IMPE Abstracts

Background: Simpson Golabi Behmel syndrome (SGBS) is caused by loss-of-function mutations in the GPC3 gene, which encodes glypican-3, a cell-surface heparan sulfate proteoglycan that acts as a negative regulator of the Hedgehog signaling pathway during development. GPC3 mutations result in hyperactivation of Hedgehog signaling ultimately leading to pre- and postnatal overgrowth and cancer. On the other hand, thyroglossal duct cyst (TGD) is a common congenital anomaly in the midline of the neck, although, thyroglossal duct cyst carcinomas (TGDC) are rare in the pediatric population, with less than 60 cases reported to date. We describe a new mutation of the GPC3 gene in a patient with SGBS who presented papillary thyroid cancer (PTC) in TGDC.

Case presentation: A 9-year-old male patient with a history of tall stature, macrocephaly, dysmorphic features, and neurodevelopmental delay since 2 years of age. As relevant history, he was born prematurely at 32 weeks with a birth weight of +1.82SD and height of +1.9SD (INTERGROWTH-21st). At 6 years old, I have presented a mass in the anterior triangle of the neck compatible with a TGD which was resected. Pathology reported commitment by a non-encapsulated follicular variant of PTC in the cyst. Total thyroidectomy with central lymph node dissection was indicated. The pathology was negative for malignancy. Three years later he was admitted to emergency with a myxedema coma, apparently with poor adherence to treatment with levothyroxine. Tests reported high thyroid-stimulating hormone, suppressed free thyroxine and rising thyroglobulin. Iodine-131 whole-body scan showed a possible recurrent lesion. Magnetic resonance imaging of the neck showed pseudocysts lesion at the base of the tongue compatible with acquired ranula, lymph nodes not suspicious for malignancy, and he was discharged. An exome requested as part of the overgrowth syndrome study reported probable pathogenic variant c.1090G>T;p. (Glu364*), in hemizygous, in GPC3 gene compatible with the genetic diagnosis of SGBS type 1, with X-linked recessive inheritance.

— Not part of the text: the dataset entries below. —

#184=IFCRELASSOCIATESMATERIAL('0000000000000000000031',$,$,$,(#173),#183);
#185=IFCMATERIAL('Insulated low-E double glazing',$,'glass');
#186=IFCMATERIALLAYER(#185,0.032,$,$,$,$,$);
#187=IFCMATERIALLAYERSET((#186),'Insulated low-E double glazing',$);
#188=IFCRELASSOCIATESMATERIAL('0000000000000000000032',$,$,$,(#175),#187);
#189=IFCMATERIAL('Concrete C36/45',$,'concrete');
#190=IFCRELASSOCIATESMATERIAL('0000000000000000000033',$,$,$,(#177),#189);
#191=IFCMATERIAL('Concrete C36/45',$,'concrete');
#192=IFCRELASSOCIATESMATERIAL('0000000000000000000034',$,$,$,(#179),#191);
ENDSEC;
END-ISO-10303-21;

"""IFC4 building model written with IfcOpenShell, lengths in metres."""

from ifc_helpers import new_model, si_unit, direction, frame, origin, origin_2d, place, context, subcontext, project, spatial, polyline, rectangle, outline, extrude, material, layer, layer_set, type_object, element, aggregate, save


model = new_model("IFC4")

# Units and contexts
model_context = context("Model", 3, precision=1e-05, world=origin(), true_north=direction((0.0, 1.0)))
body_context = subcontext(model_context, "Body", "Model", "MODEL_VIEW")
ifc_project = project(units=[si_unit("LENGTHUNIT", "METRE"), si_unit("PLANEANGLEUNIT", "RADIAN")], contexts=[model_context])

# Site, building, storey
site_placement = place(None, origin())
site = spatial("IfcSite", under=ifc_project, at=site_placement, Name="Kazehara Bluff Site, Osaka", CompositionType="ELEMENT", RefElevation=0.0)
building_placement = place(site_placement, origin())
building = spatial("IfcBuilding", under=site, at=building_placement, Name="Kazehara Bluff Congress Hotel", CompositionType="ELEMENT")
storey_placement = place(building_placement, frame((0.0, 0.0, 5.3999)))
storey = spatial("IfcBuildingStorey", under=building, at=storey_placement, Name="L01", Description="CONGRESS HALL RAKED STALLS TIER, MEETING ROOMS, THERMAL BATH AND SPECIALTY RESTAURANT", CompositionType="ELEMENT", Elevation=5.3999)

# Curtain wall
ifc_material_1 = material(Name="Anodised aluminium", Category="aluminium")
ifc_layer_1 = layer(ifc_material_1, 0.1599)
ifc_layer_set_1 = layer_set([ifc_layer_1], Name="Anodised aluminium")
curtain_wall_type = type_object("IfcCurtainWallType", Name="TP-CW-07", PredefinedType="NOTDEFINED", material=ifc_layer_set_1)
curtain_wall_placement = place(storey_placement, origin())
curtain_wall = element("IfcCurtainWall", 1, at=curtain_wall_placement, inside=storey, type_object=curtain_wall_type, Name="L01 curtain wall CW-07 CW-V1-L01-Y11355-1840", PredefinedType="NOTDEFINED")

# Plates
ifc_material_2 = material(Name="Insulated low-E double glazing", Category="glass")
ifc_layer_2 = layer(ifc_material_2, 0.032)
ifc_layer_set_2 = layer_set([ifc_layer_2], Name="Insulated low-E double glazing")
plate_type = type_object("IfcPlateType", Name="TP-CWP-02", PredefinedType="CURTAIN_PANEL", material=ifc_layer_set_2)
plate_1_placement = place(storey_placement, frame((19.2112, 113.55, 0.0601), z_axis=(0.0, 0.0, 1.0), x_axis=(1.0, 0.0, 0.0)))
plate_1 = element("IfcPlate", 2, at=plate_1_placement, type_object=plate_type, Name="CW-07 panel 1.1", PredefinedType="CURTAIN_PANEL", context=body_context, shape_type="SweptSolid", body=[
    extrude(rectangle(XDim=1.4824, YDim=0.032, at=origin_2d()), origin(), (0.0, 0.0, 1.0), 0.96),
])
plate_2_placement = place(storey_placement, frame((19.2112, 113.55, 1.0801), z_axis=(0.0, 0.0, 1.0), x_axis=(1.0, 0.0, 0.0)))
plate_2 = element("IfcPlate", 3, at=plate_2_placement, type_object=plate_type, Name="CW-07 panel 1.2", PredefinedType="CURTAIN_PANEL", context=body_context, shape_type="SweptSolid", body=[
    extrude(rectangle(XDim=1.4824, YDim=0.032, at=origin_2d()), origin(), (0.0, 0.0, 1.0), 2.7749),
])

Conclusions: In our case, it is possible that the presence of a mutation in the GPC3 gene has predisposed a congenital anomaly such as TGD. However, despite people affected by SGBS are at increased risk of cancer, to date, there is no data linking SGBS with thyroid cancer. It is not clear, whether the presence of a mutation in the GPC3 gene in our patient confers a higher risk of recurrence and distant metastasis.